Available Normalizers

  • DirectLFQNormalizer: Performs protein quantification directly from peptide/ion intensity data using the DirectLFQ algorithm. Ammar C, Schessner JP, Willems S, Michaelis AC, Mann M. Accurate Label-Free Quantification by directLFQ to Compare Unlimited Numbers of Proteomes. Mol Cell Proteomics. 2023 Jul;22(7):100581. doi:10.1016/j.mcpro.2023.100581. PMID: 37225017
  • L1Normalizer: Scales samples to have a unit L1 norm (sum of absolute values).
  • MADNormalizer: Median Absolute Deviation Normalization. Robustly scales samples by subtracting the median and dividing by the Median Absolute Deviation (MAD). Pass scale_to_sigma=True to multiply MAD by 1.4826 so the output is a robust z-score (matches R's mad()).
  • MedianNormalizer: Scales each sample (row) by its median, then rescales by the mean of medians to preserve overall scale.
  • MedianPolishNormalizer: Tukey's Median Polish. Decomposes data (often log-transformed) into overall, row, column, and residual effects by iterative median removal.
  • QuantileNormalizer: Normalizes samples to have the same distribution using quantile mapping.
  • RankNormalizer: Transforms each sample's values to their ranks (1 to N), with tied values receiving the median rank. Optionally normalizes ranks by dividing by N for cross-dataset comparability.
  • SPLMNormalizer: Stable Protein Log-Mean Normalization. Uses stably expressed proteins (lowest linear-space CV, std/mean) to derive scaling factors for normalization in log-space, then transforms back.
  • VSNNormalizer: Variance Stabilizing Normalization (via R's vsn package). Stabilizes variance across the intensity range. Huber W, von Heydebreck A, Sültmann H, Poustka A, Vingron M. Variance stabilization applied to microarray data calibration and to the quantification of differential expression. Bioinformatics. 2002;18 Suppl 1:S96–104. doi:10.1093/bioinformatics/18.suppl_1.s96. PMID: 12169536

Data Format

All normalizers expect data in the format of a 2D numpy array or pandas DataFrame with shape (n_samples, n_features) where:

  • Each row represents a sample
  • Each column represents a protein/feature

This follows the standard convention used in scikit-learn and other Python data science libraries.

R Integration

For normalizers that use R (VSN), ensure R is properly installed and accessible. The library uses rpy2 to interface with R.

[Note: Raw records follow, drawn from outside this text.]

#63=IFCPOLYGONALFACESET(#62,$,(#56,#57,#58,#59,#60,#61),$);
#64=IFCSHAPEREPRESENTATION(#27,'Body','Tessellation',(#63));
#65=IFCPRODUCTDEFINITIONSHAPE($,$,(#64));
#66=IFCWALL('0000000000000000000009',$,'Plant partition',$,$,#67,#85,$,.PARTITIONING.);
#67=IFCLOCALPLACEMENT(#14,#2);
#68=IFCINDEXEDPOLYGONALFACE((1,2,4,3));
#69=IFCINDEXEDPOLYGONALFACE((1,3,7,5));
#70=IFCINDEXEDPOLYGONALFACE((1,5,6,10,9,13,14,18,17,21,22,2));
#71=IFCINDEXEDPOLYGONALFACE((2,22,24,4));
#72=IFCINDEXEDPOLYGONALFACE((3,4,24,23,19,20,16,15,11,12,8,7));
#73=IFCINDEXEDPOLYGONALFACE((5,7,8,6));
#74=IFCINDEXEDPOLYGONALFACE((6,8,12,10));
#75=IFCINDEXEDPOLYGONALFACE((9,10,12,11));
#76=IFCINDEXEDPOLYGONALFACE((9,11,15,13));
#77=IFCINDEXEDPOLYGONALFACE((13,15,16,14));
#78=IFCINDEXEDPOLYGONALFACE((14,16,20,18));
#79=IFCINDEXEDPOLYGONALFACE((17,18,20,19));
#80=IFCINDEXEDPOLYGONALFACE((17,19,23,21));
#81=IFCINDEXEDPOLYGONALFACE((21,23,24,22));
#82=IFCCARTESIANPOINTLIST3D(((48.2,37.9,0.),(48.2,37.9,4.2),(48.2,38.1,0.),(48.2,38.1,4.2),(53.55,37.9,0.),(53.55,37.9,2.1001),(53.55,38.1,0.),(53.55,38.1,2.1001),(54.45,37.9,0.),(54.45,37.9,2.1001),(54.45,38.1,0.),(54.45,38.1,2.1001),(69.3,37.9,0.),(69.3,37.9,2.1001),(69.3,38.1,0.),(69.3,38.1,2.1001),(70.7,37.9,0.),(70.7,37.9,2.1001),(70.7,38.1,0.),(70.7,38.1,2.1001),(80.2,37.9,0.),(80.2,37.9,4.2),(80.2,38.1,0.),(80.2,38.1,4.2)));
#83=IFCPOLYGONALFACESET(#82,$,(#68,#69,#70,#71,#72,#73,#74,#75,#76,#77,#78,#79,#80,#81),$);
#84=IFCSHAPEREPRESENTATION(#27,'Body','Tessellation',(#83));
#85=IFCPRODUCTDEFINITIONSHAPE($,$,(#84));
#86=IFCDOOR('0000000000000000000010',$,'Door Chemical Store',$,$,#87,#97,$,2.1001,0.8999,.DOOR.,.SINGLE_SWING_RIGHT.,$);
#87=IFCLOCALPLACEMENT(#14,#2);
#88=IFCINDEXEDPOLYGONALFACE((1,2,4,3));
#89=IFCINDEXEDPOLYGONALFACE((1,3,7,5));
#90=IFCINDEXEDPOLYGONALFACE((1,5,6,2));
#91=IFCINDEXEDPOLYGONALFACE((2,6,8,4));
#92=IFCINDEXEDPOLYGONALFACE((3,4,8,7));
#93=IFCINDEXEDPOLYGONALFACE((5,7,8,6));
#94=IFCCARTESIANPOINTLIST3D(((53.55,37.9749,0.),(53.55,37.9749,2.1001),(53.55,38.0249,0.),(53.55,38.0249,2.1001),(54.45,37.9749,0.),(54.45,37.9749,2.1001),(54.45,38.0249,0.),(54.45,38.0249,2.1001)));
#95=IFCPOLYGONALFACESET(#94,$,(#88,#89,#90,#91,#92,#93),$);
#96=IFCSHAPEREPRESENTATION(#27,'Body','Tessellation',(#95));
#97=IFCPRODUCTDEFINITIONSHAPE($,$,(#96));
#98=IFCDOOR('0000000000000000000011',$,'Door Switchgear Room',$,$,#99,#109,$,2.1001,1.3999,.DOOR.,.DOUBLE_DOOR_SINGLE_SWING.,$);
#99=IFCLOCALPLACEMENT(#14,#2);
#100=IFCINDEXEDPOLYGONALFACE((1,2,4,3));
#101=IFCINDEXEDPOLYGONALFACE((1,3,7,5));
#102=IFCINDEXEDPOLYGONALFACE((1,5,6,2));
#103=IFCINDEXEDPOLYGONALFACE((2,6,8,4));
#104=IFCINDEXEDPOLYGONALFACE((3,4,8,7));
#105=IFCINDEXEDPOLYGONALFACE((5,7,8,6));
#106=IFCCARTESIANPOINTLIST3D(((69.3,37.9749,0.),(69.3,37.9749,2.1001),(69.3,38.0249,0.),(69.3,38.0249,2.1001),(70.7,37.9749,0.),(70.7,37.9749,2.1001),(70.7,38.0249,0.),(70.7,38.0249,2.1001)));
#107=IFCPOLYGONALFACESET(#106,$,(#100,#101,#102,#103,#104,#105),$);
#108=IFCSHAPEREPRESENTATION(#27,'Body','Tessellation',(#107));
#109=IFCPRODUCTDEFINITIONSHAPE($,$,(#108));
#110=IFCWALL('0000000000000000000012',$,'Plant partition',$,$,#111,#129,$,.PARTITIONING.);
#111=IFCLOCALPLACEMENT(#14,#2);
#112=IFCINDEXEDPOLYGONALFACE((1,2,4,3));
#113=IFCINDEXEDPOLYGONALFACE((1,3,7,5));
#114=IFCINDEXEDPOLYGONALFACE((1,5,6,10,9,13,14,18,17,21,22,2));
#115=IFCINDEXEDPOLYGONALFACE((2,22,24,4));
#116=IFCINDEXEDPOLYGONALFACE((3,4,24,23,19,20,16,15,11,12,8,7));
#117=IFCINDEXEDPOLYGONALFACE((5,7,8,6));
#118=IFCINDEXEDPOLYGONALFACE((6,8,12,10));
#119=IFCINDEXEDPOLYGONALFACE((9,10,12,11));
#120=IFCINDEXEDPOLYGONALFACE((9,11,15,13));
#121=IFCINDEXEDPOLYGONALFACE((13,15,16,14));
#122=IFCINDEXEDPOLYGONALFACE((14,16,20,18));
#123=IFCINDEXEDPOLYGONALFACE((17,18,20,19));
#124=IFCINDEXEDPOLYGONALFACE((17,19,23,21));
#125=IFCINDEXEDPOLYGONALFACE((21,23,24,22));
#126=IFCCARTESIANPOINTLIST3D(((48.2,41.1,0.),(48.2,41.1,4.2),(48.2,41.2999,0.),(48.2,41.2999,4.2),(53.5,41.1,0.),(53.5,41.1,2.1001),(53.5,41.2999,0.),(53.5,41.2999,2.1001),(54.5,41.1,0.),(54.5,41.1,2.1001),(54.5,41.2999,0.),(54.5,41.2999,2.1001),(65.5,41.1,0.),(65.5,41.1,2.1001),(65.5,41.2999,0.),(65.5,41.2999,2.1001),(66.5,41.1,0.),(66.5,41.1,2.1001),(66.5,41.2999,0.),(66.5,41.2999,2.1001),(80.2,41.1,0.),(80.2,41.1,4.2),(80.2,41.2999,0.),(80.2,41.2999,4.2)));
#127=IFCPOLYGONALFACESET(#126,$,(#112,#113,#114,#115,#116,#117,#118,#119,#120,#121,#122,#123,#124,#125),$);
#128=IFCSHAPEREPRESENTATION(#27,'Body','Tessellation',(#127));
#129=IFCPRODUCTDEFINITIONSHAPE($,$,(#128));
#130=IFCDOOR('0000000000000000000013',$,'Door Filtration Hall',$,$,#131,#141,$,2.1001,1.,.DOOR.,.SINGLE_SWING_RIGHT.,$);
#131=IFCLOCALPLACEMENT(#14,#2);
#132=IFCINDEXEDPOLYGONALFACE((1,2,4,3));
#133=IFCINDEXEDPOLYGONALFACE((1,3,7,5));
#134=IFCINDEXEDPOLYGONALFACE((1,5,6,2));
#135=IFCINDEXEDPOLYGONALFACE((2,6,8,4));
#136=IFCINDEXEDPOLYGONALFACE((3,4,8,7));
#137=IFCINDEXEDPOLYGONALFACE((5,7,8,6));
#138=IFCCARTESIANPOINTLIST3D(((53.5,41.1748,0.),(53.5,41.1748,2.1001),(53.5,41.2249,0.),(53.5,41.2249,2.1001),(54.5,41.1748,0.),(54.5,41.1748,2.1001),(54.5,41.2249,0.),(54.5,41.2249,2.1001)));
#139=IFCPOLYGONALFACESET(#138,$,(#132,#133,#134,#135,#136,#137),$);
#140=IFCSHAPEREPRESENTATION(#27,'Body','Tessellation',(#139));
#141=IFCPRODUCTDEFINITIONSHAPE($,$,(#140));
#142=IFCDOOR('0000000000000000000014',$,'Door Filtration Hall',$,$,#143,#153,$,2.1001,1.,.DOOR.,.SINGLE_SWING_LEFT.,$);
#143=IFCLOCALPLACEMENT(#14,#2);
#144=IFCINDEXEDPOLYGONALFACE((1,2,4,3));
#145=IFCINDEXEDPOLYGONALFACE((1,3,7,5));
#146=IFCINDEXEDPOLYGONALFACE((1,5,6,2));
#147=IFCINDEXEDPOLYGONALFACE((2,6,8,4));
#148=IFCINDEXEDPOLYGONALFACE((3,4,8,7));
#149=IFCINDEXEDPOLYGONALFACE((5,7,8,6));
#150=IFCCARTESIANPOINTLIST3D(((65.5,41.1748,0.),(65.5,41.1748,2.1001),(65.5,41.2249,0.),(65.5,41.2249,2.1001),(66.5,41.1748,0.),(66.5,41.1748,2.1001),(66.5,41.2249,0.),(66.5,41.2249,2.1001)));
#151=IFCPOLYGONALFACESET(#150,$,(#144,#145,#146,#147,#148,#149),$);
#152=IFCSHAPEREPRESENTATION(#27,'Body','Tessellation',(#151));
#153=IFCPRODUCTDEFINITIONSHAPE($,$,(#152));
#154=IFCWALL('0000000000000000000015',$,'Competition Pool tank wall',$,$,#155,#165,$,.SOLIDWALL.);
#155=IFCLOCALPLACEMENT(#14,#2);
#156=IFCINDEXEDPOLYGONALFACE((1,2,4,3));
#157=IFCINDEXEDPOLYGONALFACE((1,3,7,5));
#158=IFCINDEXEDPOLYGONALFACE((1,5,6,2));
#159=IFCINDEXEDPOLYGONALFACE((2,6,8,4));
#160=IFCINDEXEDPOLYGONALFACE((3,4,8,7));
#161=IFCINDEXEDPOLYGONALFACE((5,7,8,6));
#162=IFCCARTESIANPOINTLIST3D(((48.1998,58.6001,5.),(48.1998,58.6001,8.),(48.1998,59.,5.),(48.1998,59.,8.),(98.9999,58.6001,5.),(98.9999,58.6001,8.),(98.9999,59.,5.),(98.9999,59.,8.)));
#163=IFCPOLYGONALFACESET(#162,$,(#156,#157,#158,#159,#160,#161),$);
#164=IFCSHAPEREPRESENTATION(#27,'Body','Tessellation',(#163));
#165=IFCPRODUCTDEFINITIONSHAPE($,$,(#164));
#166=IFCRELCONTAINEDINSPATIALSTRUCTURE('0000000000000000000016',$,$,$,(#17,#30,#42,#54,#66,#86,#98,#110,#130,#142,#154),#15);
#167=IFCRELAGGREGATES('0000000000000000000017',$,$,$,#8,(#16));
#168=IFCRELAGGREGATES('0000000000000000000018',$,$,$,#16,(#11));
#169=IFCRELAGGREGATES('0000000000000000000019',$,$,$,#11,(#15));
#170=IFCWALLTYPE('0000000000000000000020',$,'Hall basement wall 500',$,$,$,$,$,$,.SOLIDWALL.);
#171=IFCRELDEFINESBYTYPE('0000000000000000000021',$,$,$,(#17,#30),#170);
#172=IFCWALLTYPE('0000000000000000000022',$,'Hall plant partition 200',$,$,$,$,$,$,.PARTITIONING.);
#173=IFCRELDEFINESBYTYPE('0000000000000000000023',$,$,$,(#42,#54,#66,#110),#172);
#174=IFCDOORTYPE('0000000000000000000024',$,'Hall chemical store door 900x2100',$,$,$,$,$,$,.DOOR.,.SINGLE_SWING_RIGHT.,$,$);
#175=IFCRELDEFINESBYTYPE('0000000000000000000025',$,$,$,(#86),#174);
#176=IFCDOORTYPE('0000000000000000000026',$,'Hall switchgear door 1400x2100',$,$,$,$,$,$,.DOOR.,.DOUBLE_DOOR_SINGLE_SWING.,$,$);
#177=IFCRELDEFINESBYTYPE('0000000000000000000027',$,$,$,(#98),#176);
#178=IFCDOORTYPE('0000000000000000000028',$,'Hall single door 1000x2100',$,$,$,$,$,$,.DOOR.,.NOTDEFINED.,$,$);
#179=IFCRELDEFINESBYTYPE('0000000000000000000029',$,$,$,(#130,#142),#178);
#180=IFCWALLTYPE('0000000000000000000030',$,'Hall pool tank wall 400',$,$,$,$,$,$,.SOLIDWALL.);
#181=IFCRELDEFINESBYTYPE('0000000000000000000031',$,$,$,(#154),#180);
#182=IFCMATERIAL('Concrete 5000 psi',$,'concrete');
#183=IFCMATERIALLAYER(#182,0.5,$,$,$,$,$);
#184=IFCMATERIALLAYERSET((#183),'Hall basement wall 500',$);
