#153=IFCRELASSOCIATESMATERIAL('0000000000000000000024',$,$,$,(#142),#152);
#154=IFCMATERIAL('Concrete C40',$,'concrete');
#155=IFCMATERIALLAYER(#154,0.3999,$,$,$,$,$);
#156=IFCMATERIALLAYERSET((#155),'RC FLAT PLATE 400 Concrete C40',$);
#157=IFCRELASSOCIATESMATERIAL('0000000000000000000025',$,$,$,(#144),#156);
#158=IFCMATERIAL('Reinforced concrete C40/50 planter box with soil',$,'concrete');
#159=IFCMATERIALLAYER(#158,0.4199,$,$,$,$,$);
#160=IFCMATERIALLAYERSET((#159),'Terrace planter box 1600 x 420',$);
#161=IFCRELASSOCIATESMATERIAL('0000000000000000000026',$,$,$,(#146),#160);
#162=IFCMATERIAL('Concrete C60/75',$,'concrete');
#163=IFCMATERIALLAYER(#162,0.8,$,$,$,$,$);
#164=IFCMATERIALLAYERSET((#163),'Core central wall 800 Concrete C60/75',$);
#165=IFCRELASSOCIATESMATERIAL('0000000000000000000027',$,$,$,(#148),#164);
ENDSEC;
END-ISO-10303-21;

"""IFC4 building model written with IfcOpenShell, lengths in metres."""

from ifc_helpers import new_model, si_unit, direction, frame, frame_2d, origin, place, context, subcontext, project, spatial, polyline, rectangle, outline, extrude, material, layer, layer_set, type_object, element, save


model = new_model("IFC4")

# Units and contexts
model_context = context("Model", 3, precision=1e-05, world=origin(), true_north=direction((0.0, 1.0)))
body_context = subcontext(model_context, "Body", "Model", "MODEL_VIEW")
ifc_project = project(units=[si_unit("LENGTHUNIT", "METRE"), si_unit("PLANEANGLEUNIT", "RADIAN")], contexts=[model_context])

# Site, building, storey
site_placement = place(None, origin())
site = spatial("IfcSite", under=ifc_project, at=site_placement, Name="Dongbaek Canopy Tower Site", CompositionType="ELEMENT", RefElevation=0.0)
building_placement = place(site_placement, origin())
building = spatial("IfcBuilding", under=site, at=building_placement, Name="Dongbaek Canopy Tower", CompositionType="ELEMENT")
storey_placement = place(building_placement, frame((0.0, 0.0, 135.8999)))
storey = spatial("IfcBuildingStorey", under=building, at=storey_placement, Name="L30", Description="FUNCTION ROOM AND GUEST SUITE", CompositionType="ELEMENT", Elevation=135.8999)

Installing Required R Packages

The VSN package is part of Bioconductor. In R, run the following commands:

if (!require("BiocManager", quietly = TRUE))
    install.packages("BiocManager")

BiocManager::install("vsn")

Development

Set up a virtual environment and install the dev extras:

python -m venv .venv
source .venv/bin/activate
pip install -e ".[dev]"

The pre-flight gate before any commit is:

pytest                          # full test suite (warnings -> errors)
ruff check src tests            # lint
ruff format --check src tests   # formatting (use `ruff format` to apply)
mypy                            # static type check

Coverage:

pytest --cov=src/pronoms --cov-report=term-missing

License

This project is licensed under the Apache License License - see the LICENSE file for details.

Project details


Download files

Download the file for your platform. If you're not sure which to choose, learn more about installing packages.

Source Distribution

pronoms-0.3.0.tar.gz (51.5 kB view details)

Uploaded Source

Built Distribution

If you're not sure about the file name format, learn more about wheel file names.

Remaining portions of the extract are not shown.